The convergence characteristics of IH5N1-SASM are particularly noteworthy. The algorithm maintains steady improvement throughout the iterative process, avoiding the premature stagnation observed in algorithms such as PSO, GWO, and SSA. The state-aware mechanism enables dynamic adjustment of search behavior, while the multi-time-scale perturbations prevent entrapment in local optima. These properties make IH5N1-SASM particularly well-suited for complex China UAV path planning tasks where both solution quality and reliability are critical.
5. Conclusion
In this work, we proposed IH5N1-SASM, an improved viral-inspired optimization algorithm integrating a state-aware search mechanism, an information-guided self-decomposition strategy, and a multi-time-scale dynamic search mechanism. The algorithm addresses key limitations of traditional metaheuristics, particularly premature convergence and insufficient search stability, which are critical concerns for China UAV path planning in complex three-dimensional environments.
Through comprehensive experimental validation on CEC2017 benchmark functions and realistic China UAV path planning simulations, we demonstrated that IH5N1-SASM consistently outperforms seven state-of-the-art algorithms in terms of optimization accuracy, convergence speed, and result stability. The synergistic combination of the three improvement strategies yields a 9.81% reduction in mean path cost and an 86.9% reduction in standard deviation compared to the original H5N1 algorithm. The convergence behavior shows sustained improvement throughout the iterative process without premature stagnation.

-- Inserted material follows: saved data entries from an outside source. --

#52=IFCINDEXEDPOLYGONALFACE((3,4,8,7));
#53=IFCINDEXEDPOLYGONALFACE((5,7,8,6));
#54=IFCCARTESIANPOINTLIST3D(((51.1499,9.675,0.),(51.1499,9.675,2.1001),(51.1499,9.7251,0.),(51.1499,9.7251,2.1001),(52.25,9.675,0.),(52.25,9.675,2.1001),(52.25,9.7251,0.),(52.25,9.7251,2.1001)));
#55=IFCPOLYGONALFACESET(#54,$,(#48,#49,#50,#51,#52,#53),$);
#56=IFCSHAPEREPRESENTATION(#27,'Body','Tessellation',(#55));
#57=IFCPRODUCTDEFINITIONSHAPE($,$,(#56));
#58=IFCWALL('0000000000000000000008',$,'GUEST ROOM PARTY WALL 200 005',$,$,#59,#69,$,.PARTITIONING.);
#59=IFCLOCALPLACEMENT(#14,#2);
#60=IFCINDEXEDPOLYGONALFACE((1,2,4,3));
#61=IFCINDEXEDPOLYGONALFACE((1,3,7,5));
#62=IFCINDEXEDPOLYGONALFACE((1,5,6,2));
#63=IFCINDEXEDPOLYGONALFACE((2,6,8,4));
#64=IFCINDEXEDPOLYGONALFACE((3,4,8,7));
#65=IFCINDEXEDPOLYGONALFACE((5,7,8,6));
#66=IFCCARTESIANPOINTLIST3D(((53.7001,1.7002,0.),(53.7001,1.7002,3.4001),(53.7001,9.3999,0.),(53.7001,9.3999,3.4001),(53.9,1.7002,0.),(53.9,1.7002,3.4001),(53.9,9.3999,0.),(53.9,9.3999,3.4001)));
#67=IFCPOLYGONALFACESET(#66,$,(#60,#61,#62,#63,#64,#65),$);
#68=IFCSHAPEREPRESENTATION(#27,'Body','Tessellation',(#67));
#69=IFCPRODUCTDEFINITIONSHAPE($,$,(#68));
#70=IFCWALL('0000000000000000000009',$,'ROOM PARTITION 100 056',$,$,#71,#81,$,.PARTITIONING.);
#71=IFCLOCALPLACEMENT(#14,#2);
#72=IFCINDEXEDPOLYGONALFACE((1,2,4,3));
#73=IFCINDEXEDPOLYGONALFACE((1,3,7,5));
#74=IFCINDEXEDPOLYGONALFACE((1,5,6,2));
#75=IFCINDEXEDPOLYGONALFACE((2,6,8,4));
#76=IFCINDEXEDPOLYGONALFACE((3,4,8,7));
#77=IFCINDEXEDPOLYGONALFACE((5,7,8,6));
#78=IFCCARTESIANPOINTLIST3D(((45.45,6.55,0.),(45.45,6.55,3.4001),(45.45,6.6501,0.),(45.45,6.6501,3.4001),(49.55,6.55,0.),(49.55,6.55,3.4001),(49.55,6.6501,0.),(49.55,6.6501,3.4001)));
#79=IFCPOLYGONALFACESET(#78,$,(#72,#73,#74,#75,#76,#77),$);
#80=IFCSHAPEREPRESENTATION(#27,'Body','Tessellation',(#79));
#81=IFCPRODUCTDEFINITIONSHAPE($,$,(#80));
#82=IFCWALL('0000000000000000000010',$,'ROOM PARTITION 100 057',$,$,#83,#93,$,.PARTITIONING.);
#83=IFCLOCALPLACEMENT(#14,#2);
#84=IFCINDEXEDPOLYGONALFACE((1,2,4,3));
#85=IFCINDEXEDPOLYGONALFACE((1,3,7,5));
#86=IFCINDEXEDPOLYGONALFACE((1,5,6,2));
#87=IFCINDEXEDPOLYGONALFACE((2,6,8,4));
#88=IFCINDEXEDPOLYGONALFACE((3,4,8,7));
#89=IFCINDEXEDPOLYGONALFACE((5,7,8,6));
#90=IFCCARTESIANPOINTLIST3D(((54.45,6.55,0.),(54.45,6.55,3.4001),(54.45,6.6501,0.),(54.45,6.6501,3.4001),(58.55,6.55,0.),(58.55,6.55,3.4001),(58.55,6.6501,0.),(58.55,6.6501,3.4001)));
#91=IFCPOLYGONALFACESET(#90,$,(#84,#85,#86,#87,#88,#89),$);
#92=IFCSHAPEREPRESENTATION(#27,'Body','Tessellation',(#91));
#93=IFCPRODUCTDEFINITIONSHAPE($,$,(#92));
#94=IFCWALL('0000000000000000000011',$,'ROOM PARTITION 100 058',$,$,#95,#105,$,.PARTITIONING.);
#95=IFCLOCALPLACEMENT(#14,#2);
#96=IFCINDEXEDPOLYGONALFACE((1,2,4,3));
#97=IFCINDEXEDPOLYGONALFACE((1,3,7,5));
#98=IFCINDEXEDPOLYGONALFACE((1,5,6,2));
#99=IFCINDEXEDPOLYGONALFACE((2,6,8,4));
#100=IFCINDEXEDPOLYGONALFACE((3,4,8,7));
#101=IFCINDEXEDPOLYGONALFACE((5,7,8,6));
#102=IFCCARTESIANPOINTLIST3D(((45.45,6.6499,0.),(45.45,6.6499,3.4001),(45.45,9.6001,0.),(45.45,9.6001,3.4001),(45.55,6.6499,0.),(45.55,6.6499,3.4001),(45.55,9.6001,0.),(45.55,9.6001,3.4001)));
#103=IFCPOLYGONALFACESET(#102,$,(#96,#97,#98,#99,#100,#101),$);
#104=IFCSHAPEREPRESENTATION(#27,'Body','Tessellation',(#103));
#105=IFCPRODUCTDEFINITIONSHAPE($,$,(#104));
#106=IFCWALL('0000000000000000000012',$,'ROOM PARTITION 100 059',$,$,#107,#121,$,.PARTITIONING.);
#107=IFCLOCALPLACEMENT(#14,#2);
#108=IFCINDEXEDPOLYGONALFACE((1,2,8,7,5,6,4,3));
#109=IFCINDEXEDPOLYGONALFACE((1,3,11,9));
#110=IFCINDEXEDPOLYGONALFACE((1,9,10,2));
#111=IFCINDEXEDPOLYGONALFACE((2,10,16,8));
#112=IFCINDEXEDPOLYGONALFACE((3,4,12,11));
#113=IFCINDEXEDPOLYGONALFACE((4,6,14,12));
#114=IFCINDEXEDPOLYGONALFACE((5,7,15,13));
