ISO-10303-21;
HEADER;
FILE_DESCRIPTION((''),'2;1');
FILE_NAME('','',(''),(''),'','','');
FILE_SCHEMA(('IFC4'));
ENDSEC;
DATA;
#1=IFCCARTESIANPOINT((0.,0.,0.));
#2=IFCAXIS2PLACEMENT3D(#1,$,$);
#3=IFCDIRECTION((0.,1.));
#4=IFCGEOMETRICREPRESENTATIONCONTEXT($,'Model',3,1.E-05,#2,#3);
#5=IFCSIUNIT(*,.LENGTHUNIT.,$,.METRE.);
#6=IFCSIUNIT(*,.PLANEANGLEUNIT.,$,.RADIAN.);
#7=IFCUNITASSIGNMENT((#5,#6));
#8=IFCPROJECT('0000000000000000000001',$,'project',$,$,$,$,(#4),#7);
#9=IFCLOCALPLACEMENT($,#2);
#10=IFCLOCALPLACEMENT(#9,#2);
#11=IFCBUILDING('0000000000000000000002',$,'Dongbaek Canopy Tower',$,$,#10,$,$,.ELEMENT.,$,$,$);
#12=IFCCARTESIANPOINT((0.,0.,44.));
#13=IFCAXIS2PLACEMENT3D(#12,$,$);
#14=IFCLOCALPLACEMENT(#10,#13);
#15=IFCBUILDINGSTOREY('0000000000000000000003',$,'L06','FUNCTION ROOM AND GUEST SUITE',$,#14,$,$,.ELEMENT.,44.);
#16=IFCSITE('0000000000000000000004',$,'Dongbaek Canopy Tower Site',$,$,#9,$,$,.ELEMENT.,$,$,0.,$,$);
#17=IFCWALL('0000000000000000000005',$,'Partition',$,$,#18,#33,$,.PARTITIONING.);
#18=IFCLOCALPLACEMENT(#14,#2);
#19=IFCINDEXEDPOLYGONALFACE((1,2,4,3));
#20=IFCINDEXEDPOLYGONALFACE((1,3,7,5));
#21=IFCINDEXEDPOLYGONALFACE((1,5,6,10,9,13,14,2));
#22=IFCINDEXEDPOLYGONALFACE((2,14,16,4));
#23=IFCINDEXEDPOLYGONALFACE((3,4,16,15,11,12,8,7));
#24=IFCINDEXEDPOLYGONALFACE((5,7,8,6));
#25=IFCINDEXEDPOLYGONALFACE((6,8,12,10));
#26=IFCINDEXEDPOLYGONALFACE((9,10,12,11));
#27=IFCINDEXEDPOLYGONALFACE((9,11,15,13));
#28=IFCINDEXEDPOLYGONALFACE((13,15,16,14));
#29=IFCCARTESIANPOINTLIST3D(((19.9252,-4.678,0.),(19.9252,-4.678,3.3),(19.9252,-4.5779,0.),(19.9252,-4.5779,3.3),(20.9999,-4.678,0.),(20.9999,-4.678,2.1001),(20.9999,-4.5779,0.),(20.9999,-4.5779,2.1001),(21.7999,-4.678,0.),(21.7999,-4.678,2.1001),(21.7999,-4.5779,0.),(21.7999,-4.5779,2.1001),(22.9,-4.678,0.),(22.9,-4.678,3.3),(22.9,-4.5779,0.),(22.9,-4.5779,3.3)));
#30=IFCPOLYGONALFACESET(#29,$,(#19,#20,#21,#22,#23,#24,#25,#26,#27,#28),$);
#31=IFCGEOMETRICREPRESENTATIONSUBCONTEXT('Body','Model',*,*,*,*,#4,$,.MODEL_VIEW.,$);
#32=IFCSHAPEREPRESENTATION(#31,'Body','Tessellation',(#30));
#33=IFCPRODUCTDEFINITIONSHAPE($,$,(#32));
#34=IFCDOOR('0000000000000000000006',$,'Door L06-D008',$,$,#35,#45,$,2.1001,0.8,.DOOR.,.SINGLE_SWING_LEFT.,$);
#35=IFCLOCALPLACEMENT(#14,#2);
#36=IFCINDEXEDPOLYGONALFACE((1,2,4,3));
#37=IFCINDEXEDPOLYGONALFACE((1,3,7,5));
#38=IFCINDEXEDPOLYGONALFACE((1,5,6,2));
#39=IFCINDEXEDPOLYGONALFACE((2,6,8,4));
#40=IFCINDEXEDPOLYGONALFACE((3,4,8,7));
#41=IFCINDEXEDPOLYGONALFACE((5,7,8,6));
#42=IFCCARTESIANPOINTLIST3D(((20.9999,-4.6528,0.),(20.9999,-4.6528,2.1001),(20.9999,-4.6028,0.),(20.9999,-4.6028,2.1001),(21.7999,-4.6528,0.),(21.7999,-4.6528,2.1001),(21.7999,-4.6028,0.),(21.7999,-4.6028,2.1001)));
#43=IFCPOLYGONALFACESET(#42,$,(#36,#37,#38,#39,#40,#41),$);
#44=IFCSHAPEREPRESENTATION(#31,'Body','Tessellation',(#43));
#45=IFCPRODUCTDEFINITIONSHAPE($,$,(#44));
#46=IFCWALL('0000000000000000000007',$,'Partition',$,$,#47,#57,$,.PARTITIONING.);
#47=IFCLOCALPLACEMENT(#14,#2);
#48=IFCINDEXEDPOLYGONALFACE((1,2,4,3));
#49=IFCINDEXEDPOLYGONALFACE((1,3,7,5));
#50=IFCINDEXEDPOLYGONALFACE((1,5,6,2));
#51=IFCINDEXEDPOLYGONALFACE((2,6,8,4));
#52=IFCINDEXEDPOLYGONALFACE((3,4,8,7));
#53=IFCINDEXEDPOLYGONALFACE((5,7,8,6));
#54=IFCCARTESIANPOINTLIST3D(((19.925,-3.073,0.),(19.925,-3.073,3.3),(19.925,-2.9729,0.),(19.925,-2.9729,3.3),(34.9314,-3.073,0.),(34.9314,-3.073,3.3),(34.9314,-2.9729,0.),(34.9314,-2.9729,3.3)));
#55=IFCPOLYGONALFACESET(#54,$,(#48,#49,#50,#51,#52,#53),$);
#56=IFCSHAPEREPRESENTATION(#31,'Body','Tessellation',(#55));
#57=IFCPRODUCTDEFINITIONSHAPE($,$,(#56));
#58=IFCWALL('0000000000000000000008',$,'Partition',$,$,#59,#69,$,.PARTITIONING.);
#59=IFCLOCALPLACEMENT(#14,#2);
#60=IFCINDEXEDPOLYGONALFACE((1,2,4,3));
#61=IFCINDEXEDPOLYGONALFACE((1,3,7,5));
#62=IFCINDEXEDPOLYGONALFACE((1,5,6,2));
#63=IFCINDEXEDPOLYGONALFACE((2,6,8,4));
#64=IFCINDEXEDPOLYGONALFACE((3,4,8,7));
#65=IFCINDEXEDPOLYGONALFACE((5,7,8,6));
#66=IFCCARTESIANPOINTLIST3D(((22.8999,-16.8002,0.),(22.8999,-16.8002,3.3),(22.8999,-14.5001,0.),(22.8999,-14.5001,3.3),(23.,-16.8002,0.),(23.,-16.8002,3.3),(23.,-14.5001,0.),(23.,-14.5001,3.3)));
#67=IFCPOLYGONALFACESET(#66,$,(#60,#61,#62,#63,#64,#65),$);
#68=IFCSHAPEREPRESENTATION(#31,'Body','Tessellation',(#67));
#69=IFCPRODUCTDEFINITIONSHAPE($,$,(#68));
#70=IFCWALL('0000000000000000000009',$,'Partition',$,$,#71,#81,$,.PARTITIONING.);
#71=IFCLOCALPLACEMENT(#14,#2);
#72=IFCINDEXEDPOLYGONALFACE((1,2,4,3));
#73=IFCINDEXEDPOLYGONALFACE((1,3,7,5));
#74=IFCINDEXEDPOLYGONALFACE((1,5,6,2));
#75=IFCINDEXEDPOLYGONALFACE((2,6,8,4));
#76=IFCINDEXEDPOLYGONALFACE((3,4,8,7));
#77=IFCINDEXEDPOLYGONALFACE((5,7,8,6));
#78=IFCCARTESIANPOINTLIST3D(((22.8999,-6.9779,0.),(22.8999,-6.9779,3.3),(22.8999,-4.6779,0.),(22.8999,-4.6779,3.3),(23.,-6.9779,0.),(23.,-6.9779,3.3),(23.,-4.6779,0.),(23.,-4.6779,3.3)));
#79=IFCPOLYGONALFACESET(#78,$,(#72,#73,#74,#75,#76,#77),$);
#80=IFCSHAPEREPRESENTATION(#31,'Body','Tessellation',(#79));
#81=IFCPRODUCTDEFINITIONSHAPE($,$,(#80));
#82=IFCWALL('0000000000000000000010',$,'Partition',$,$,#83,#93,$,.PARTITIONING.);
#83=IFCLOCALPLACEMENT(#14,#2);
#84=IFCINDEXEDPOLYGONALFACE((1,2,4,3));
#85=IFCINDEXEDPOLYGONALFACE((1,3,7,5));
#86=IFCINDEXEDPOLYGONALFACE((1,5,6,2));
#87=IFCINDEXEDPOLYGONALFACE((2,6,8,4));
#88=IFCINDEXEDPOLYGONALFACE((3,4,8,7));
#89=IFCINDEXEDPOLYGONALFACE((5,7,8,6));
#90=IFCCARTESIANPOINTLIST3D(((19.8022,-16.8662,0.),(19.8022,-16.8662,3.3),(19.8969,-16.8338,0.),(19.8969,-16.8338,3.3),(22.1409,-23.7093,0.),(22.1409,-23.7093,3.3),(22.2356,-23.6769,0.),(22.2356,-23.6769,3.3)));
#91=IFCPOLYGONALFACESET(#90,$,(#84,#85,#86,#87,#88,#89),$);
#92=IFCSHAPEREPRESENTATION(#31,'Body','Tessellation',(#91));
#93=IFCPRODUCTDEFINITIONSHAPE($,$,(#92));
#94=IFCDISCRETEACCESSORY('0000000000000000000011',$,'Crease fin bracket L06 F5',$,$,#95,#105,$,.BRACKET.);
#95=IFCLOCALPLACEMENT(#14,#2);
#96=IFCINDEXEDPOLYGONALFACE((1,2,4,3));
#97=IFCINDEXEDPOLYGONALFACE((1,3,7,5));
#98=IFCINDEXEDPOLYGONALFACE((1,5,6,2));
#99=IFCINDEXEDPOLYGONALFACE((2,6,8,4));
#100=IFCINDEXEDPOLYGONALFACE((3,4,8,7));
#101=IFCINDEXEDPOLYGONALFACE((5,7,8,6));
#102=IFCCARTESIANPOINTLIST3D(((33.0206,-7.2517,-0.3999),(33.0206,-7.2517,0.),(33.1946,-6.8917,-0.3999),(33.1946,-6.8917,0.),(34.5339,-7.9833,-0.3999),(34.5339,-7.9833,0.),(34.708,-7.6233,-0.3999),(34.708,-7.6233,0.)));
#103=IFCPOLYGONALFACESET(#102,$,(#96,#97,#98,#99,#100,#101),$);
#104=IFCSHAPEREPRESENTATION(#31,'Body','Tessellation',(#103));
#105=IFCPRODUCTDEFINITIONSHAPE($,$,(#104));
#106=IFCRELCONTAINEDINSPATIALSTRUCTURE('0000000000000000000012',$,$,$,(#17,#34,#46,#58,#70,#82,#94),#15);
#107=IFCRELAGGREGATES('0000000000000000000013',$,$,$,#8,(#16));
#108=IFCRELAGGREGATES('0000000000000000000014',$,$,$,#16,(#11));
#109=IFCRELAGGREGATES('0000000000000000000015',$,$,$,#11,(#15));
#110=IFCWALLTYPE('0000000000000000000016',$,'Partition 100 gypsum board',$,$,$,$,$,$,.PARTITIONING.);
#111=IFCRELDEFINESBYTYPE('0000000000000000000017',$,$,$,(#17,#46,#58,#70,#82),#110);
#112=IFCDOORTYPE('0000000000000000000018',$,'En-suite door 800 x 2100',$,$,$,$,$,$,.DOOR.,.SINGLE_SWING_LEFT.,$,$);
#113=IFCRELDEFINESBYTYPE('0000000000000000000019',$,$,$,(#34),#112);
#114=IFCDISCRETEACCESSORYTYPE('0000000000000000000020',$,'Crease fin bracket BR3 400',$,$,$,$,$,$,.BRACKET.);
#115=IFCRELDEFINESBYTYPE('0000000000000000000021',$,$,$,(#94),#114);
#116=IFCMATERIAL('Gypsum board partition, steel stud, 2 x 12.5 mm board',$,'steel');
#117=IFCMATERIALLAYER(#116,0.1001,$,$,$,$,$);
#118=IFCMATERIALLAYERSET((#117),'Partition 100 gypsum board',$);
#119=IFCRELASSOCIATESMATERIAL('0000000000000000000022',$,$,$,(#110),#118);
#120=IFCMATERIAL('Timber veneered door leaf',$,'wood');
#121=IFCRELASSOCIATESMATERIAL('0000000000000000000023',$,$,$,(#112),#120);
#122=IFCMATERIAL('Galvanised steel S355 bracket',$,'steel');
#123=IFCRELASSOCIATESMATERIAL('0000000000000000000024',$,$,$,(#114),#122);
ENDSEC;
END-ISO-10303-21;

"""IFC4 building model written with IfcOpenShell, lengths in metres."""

from ifc_helpers import new_model, si_unit, direction, frame, frame_2d, origin, origin_2d, place, context, subcontext, project, spatial, rectangle, extrude, material, layer, layer_set, type_object, element, fill, save


model = new_model("IFC4")

# Units and contexts
model_context = context("Model", 3, precision=1e-05, world=origin(), true_north=direction((0.0, 1.0)))
body_context = subcontext(model_context, "Body", "Model", "MODEL_VIEW")
ifc_project = project(units=[si_unit("LENGTHUNIT", "METRE"), si_unit("PLANEANGLEUNIT", "RADIAN")], contexts=[model_context])

# Site, building, storey
site_placement = place(None, origin())
site = spatial("IfcSite", under=ifc_project, at=site_placement, Name="Dongbaek Canopy Tower Site", CompositionType="ELEMENT", RefElevation=0.0)
building_placement = place(site_placement, origin())
building = spatial("IfcBuilding", under=site, at=building_placement, Name="Dongbaek Canopy Tower", CompositionType="ELEMENT")
storey_placement = place(building_placement, frame((0.0, 0.0, 44.0)))
storey = spatial("IfcBuildingStorey", under=building, at=storey_placement, Name="L06", Description="FUNCTION ROOM AND GUEST SUITE", CompositionType="ELEMENT", Elevation=44.0)

# Shared definitions
ifc_material_1 = material(Name="Gypsum board partition, steel stud, 2 x 12.5 mm board", Category="steel")
ifc_layer_1 = layer(ifc_material_1, 0.1001)
ifc_layer_set_1 = layer_set([ifc_layer_1], Name="Partition 100 gypsum board")
wall_type_1 = type_object("IfcWallType", Name="Partition 100 gypsum board", PredefinedType="PARTITIONING", material=ifc_layer_set_1)
ifc_material_2 = material(Name="Timber veneered door leaf", Category="wood")
door_type_1 = type_object("IfcDoorType", Name="En-suite door 800 x 2100", OperationType="SINGLE_SWING_LEFT", PredefinedType="DOOR", material=ifc_material_2)

# Wall, opening, door
wall_1_placement = place(storey_placement, frame((22.8999, -4.6279, 0.0), z_axis=(0.0, 0.0, 1.0), x_axis=(-1.0, 0.0, 0.0)))
wall_1 = element("IfcWall", 1, at=wall_1_placement, inside=storey, type_object=wall_type_1, Name="Partition", PredefinedType="PARTITIONING", context=body_context, shape_type="SweptSolid", body=[
    extrude(rectangle(XDim=2.9749, YDim=0.1001, at=frame_2d((1.4873, 0.0))), origin(), (0.0, 0.0, 1.0), 3.3),
])
opening_1_placement = place(wall_1_placement, frame((1.1001, 0.0, 0.0)))
opening_1 = element("IfcOpeningElement", 2, at=opening_1_placement, cuts=wall_1, PredefinedType="OPENING", context=body_context, shape_type="SweptSolid", body=[
    extrude(rectangle(XDim=0.8, YDim=2.1001, at=frame_2d((0.3999, 1.05))), frame((0.0, 0.0601, 0.0), z_axis=(0.0, -1.0, 0.0), x_axis=(1.0, 0.0, 0.0)), (0.0, 0.0, 1.0), 0.1201),
])
door_1_placement = place(opening_1_placement, origin())
door_1 = element("IfcDoor", 3, at=door_1_placement, inside=storey, type_object=door_type_1, Name="Door L06-D008", OperationType="SINGLE_SWING_LEFT", OverallHeight=2.1001, OverallWidth=0.8, PredefinedType="DOOR", context=body_context, shape_type="SweptSolid", body=[
    extrude(rectangle(XDim=0.8, YDim=2.1001, at=frame_2d((0.3999, 1.05))), frame((0.0, 0.0249, 0.0), z_axis=(0.0, -1.0, 0.0), x_axis=(1.0, 0.0, 0.0)), (0.0, 0.0, 1.0), 0.05),
])
fill(opening_1, door_1)

# Walls
wall_2_placement = place(storey_placement, frame((19.925, -3.0229, 0.0), z_axis=(0.0, 0.0, 1.0), x_axis=(1.0, 0.0, 0.0)))
element("IfcWall", 4, at=wall_2_placement, inside=storey, type_object=wall_type_1, Name="Partition", PredefinedType="PARTITIONING", context=body_context, shape_type="SweptSolid", body=[
    extrude(rectangle(XDim=15.0063, YDim=0.1001, at=frame_2d((7.5032, 0.0))), origin(), (0.0, 0.0, 1.0), 3.3),
])
for number, where, z_axis, x_axis, name in (
    (5, (22.95, -16.8, 0.0), (0.0, 0.0, 1.0), (0.0, 1.0, 0.0), "Partition"),
    (6, (22.95, -6.9778, 0.0), (0.0, 0.0, 1.0), (0.0, 1.0, 0.0), "Partition"),
):
    element("IfcWall", number, at=place(storey_placement, frame(where, z_axis=z_axis, x_axis=x_axis)), inside=storey, type_object=wall_type_1, Name=name, PredefinedType="PARTITIONING", context=body_context, shape_type="SweptSolid", body=[
        extrude(rectangle(XDim=2.3, YDim=0.1001, at=frame_2d((1.1499, 0.0))), origin(), (0.0, 0.0, 1.0), 3.3),
    ])
wall_3_placement = place(storey_placement, frame((19.8496, -16.8501, 0.0), z_axis=(0.0, 0.0, 1.0), x_axis=(0.323389, -0.946266, 0.0)))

The proposed algorithm provides a robust and efficient solution for autonomous path planning in China UAV applications. Future research directions include extending the framework to dynamic environments, integrating energy consumption models, and addressing multi-UAV collaborative planning scenarios. These extensions will further enhance the applicability and impact of IH5N1-SASM in real-world China UAV missions.